Ajoutez le glucose et le sucre granulé dans une grande casserole avec 2 tasses d’eau. Mélangez bien et portez à ébullition.

Ajoutez la farine de maïs à une autre grande poêle. Ajoutez progressivement 6 tasses d’eau, en remuant jusqu’à ce que le tout soit bien mélangé. Portez lentement à ébullition, en remuant sans arrêt, jusqu’à l’obtention d’une pâte blanche lisse et crémeuse.
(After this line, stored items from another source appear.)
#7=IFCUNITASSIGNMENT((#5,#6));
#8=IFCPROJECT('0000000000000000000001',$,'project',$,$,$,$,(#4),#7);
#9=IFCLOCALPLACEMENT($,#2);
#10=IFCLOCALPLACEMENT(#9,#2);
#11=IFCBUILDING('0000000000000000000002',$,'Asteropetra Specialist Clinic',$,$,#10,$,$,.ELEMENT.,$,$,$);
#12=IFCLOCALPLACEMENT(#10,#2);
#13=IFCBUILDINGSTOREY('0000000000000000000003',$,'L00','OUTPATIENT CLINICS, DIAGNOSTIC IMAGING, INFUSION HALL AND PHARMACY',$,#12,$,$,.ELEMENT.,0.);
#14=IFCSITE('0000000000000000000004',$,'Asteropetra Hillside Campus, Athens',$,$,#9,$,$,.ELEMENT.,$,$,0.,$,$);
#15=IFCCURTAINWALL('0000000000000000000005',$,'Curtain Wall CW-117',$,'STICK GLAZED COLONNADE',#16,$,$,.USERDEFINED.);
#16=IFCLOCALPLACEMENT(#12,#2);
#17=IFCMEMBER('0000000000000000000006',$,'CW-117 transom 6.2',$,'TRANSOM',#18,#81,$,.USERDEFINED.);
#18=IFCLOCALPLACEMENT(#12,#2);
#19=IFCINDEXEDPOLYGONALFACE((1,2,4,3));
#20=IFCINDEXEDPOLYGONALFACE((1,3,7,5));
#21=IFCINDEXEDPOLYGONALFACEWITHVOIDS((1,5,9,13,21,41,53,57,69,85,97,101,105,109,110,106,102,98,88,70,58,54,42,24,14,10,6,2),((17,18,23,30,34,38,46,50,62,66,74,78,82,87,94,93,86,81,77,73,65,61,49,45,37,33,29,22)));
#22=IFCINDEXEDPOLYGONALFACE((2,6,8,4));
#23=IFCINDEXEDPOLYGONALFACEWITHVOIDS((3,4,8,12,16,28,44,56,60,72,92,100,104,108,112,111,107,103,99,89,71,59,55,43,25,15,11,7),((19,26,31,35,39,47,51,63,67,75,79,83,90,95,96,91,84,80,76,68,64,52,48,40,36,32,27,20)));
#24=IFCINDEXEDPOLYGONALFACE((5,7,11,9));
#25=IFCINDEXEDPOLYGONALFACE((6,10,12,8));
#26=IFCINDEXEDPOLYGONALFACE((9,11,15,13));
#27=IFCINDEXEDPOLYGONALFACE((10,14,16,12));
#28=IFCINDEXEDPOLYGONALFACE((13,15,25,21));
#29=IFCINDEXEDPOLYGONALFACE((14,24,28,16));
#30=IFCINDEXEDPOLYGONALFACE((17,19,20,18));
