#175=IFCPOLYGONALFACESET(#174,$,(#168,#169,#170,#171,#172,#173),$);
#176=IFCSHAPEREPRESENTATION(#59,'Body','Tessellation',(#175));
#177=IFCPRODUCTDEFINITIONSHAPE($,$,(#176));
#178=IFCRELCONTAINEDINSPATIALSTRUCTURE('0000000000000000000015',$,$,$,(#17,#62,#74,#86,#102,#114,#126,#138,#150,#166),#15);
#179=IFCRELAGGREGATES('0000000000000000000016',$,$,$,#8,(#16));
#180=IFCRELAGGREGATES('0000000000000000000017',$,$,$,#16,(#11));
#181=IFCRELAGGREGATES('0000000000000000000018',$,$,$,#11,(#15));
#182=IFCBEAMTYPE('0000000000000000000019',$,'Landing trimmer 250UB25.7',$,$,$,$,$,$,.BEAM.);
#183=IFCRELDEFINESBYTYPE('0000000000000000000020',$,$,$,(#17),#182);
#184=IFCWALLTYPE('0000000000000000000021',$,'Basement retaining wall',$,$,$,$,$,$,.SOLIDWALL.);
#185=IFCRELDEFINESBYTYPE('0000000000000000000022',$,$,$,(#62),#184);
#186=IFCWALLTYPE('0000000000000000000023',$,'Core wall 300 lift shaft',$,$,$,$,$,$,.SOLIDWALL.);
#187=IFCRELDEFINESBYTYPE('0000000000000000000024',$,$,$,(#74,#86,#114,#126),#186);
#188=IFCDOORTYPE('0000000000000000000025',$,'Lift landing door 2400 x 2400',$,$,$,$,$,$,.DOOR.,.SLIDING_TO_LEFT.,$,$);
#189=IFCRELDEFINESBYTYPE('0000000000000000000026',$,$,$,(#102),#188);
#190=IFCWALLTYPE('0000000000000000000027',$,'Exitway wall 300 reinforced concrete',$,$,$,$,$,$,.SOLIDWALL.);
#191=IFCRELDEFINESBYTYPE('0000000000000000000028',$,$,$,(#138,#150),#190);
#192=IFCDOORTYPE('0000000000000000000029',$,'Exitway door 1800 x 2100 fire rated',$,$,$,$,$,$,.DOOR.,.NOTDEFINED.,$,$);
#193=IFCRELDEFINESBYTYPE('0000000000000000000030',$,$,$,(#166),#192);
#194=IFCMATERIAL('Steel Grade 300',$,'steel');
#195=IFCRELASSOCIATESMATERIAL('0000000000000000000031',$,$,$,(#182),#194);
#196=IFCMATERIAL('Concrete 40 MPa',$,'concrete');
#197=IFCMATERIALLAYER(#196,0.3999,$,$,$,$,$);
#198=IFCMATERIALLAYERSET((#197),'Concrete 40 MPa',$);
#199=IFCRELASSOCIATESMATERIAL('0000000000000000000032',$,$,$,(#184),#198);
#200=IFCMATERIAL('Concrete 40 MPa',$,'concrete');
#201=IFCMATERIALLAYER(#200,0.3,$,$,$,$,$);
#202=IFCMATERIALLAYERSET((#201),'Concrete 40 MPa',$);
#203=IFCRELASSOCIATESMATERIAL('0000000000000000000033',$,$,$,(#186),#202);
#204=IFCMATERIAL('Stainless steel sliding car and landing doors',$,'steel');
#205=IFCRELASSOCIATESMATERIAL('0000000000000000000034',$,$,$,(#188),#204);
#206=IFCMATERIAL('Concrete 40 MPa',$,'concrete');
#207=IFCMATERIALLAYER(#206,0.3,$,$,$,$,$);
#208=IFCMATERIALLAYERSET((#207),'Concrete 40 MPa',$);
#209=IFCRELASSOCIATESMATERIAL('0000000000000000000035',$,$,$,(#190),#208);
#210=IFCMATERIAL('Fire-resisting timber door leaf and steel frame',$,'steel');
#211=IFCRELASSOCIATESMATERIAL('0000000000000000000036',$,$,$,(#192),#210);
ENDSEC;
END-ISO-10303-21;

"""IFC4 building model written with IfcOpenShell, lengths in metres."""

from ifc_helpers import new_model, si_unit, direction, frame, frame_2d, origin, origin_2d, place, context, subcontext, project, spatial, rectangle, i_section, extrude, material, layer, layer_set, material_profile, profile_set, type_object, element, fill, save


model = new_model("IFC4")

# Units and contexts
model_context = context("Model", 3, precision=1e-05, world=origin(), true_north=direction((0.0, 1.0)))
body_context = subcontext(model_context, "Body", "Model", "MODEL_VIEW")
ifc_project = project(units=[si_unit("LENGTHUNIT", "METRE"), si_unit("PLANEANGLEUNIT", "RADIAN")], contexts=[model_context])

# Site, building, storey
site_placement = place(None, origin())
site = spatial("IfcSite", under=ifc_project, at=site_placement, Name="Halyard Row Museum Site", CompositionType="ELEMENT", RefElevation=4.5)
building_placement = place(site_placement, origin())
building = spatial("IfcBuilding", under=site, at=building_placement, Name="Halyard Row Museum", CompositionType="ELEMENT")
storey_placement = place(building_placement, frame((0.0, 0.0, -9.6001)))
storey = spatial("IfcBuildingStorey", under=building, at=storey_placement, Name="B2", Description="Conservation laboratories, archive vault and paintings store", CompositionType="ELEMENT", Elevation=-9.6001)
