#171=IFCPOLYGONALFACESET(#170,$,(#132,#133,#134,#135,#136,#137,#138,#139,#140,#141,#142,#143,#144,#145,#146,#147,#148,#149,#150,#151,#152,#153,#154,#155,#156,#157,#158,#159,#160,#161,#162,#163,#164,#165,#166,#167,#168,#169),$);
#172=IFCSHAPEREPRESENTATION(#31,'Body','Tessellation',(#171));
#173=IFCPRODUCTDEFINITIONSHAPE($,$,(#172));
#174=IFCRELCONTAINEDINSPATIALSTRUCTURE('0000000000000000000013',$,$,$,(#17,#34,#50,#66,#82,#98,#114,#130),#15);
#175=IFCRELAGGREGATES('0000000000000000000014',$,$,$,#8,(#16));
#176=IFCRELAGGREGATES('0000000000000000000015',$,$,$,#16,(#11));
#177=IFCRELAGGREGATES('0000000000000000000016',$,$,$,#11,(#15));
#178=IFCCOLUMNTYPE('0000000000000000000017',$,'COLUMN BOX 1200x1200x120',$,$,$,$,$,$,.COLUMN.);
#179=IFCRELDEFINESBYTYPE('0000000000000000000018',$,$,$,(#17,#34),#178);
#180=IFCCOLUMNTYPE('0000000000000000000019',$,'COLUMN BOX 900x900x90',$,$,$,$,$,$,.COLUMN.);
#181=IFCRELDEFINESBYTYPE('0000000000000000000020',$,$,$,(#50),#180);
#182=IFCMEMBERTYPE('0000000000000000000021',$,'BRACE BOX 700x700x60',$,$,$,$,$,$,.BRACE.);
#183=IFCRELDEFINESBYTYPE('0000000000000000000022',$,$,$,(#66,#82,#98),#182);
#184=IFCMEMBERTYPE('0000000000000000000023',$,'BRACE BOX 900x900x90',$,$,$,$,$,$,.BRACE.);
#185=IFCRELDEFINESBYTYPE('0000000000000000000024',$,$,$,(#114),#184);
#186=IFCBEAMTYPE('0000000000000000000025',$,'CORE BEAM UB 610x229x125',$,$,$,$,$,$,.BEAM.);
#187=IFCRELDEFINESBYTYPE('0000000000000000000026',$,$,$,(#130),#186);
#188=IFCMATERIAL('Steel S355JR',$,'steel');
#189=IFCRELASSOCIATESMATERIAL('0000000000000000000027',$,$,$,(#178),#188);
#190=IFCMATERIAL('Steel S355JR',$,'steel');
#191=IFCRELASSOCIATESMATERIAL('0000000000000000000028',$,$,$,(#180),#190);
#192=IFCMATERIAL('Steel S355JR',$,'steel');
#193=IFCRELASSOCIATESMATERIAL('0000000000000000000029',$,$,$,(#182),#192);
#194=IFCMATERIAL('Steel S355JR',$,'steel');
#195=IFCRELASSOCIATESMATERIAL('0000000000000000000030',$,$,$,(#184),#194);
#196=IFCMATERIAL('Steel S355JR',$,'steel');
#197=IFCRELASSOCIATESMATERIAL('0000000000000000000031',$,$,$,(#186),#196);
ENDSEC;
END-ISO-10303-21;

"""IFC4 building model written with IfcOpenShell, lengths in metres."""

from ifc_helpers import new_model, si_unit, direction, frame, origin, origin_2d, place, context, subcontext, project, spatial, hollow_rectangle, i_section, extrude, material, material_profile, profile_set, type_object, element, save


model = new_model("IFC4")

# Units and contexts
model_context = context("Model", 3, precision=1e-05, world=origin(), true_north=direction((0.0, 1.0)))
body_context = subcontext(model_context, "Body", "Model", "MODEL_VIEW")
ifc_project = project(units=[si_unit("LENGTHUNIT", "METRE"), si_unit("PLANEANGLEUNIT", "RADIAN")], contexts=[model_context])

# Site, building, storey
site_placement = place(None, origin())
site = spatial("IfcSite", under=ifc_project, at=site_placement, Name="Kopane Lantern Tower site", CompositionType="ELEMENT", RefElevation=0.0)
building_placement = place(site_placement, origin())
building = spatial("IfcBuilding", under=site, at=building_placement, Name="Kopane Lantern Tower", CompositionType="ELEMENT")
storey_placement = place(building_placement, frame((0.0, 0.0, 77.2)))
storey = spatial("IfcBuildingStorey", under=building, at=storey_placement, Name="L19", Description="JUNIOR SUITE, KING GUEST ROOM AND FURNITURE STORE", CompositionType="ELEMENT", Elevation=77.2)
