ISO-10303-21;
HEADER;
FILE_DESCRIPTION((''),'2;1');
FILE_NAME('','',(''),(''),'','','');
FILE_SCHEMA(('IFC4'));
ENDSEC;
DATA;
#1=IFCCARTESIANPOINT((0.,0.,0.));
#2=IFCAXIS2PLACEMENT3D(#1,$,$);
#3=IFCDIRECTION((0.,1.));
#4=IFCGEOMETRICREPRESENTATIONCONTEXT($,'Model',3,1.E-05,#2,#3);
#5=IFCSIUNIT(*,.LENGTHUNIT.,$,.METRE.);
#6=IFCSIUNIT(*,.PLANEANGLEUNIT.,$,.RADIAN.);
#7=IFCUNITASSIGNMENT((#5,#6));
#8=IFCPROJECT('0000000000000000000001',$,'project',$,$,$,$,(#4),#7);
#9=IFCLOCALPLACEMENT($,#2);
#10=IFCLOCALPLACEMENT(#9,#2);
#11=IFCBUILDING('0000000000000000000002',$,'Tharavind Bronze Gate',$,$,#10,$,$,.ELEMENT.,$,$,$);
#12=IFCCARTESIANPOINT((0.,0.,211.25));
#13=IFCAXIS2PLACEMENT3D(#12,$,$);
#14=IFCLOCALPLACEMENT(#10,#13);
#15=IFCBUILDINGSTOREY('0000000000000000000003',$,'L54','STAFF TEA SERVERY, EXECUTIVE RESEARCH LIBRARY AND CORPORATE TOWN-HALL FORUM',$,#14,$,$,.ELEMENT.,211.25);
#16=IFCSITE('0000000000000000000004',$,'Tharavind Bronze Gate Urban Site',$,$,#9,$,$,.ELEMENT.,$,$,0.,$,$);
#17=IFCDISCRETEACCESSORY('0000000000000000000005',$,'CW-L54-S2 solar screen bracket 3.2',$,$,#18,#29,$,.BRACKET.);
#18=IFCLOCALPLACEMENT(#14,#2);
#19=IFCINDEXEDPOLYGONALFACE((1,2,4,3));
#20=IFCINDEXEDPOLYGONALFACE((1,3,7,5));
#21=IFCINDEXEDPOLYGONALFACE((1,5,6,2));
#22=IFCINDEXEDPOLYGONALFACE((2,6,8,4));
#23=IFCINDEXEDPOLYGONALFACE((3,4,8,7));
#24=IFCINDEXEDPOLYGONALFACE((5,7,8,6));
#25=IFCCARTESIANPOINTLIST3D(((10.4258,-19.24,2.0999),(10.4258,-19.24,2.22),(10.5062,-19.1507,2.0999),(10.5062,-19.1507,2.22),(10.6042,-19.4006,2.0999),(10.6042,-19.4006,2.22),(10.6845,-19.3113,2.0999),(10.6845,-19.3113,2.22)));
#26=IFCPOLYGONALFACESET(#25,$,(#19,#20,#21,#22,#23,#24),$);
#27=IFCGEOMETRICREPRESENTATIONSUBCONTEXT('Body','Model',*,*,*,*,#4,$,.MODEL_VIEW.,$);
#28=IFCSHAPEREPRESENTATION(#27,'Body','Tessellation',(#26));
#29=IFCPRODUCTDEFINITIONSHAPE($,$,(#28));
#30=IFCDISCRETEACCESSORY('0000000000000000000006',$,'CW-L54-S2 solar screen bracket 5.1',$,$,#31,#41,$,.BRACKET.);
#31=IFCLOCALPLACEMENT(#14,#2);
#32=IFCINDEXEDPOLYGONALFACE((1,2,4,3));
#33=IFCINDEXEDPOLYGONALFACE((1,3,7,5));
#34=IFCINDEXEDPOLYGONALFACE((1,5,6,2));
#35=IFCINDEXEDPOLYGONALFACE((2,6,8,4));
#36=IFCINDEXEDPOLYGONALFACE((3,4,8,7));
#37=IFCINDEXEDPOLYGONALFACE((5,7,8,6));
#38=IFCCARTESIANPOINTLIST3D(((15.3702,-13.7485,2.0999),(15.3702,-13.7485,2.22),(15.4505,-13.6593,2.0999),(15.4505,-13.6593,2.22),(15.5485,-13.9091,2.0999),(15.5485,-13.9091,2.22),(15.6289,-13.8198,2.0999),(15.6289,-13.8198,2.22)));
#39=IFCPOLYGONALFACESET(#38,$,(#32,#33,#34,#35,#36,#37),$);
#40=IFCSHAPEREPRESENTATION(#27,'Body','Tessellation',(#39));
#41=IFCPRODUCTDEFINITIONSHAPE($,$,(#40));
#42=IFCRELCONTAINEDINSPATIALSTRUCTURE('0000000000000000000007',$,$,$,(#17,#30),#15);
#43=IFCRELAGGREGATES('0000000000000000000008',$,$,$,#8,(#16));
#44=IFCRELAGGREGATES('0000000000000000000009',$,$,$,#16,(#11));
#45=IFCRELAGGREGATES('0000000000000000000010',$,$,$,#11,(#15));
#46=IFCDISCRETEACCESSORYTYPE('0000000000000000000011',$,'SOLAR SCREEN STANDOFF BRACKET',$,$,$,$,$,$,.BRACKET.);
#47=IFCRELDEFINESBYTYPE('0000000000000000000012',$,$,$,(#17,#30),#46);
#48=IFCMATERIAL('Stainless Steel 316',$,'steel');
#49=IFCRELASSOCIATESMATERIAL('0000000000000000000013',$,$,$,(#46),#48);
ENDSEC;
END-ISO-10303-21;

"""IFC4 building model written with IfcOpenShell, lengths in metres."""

from ifc_helpers import new_model, si_unit, direction, frame, origin, origin_2d, place, context, subcontext, project, spatial, rectangle, extrude, material, type_object, element, save


model = new_model("IFC4")

# Units and contexts
model_context = context("Model", 3, precision=1e-05, world=origin(), true_north=direction((0.0, 1.0)))
body_context = subcontext(model_context, "Body", "Model", "MODEL_VIEW")
ifc_project = project(units=[si_unit("LENGTHUNIT", "METRE"), si_unit("PLANEANGLEUNIT", "RADIAN")], contexts=[model_context])

# Site, building, storey
site_placement = place(None, origin())
site = spatial("IfcSite", under=ifc_project, at=site_placement, Name="Tharavind Bronze Gate Urban Site", CompositionType="ELEMENT", RefElevation=0.0)
building_placement = place(site_placement, origin())
building = spatial("IfcBuilding", under=site, at=building_placement, Name="Tharavind Bronze Gate", CompositionType="ELEMENT")
storey_placement = place(building_placement, frame((0.0, 0.0, 211.25)))
storey = spatial("IfcBuildingStorey", under=building, at=storey_placement, Name="L54", Description="STAFF TEA SERVERY, EXECUTIVE RESEARCH LIBRARY AND CORPORATE TOWN-HALL FORUM", CompositionType="ELEMENT", Elevation=211.25)

# Discrete accessories
ifc_material_1 = material(Name="Stainless Steel 316", Category="steel")
discrete_accessory_type = type_object("IfcDiscreteAccessoryType", Name="SOLAR SCREEN STANDOFF BRACKET", PredefinedType="BRACKET", material=ifc_material_1)
for number, where, z_axis, x_axis, name in (
    (1, (10.5552, -19.2756, 2.0999), (0.0, 0.0, 1.0), (0.669131, 0.743145, 0.0), "CW-L54-S2 solar screen bracket 3.2"),
    (2, (15.4995, -13.7842, 2.0999), (0.0, 0.0, 1.0), (0.669131, 0.743145, 0.0), "CW-L54-S2 solar screen bracket 5.1"),
):
    element("IfcDiscreteAccessory", number, at=place(storey_placement, frame(where, z_axis=z_axis, x_axis=x_axis)), inside=storey, type_object=discrete_accessory_type, Name=name, PredefinedType="BRACKET", context=body_context, shape_type="SweptSolid", body=[
        extrude(rectangle(XDim=0.1201, YDim=0.24, at=origin_2d()), origin(), (0.0, 0.0, 1.0), 0.1201),
    ])

save(model, "model.ifc")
Ajoutez lentement la pâte au sirop de sucre chaud, en remuant vigoureusement pour éviter la formation de grumeaux.
Portez de nouveau à ébullition et cuisez à découvert à feu doux et constant pendant 3 heures, en remuant le plus souvent possible avec une cuillère en bois. (Lors de la fabrication en usine, un agitateur mécanique fonctionne en continu.) Si le feu est trop élevé, le fond du mélange aura tendance à caraméliser.
Le mélange doit cuire jusqu’à ce qu’il atteigne la bonne consistance, ce qui prendra environ 3 heures, et le succès de la recette en dépend. Pour tester la consistance, pressez une petite boule de mélange entre le pouce et l’index. Ce n’est que lorsqu’il reste collé à vos deux doigts quand vous les écartez, formant des filaments gommés, que c’est prêt. Le mélange pourrait alors avoir acquis une couleur dorée et chaude.
Ajoutez le jus de citron et les arômes. Le mastic doit être broyé avec un peu de sucre granulé afin d’être pulvérisé adéquatement. Ajoutez du colorant si vous le souhaitez. Remuez vigoureusement et cuisez encore quelques minutes. Ajoutez les noix hachées et mélangez bien.
Versez une quantité de mélange chaud à une hauteur d’environ 1 pouce au fond de plaques que vous aurez au préalable saupoudrées de farine de maïs pour éviter qu’il ne colle. Égalisez la surface avec un couteau et laissez le tout reposer pendant au moins 24 heures. Puis, coupez le mélange en carrés avec un couteau bien aiguisé et roulez-les dans du sucre glace tamisé. S’ils sont bien emballés dans une boîte, les loukoums se conserveront longtemps.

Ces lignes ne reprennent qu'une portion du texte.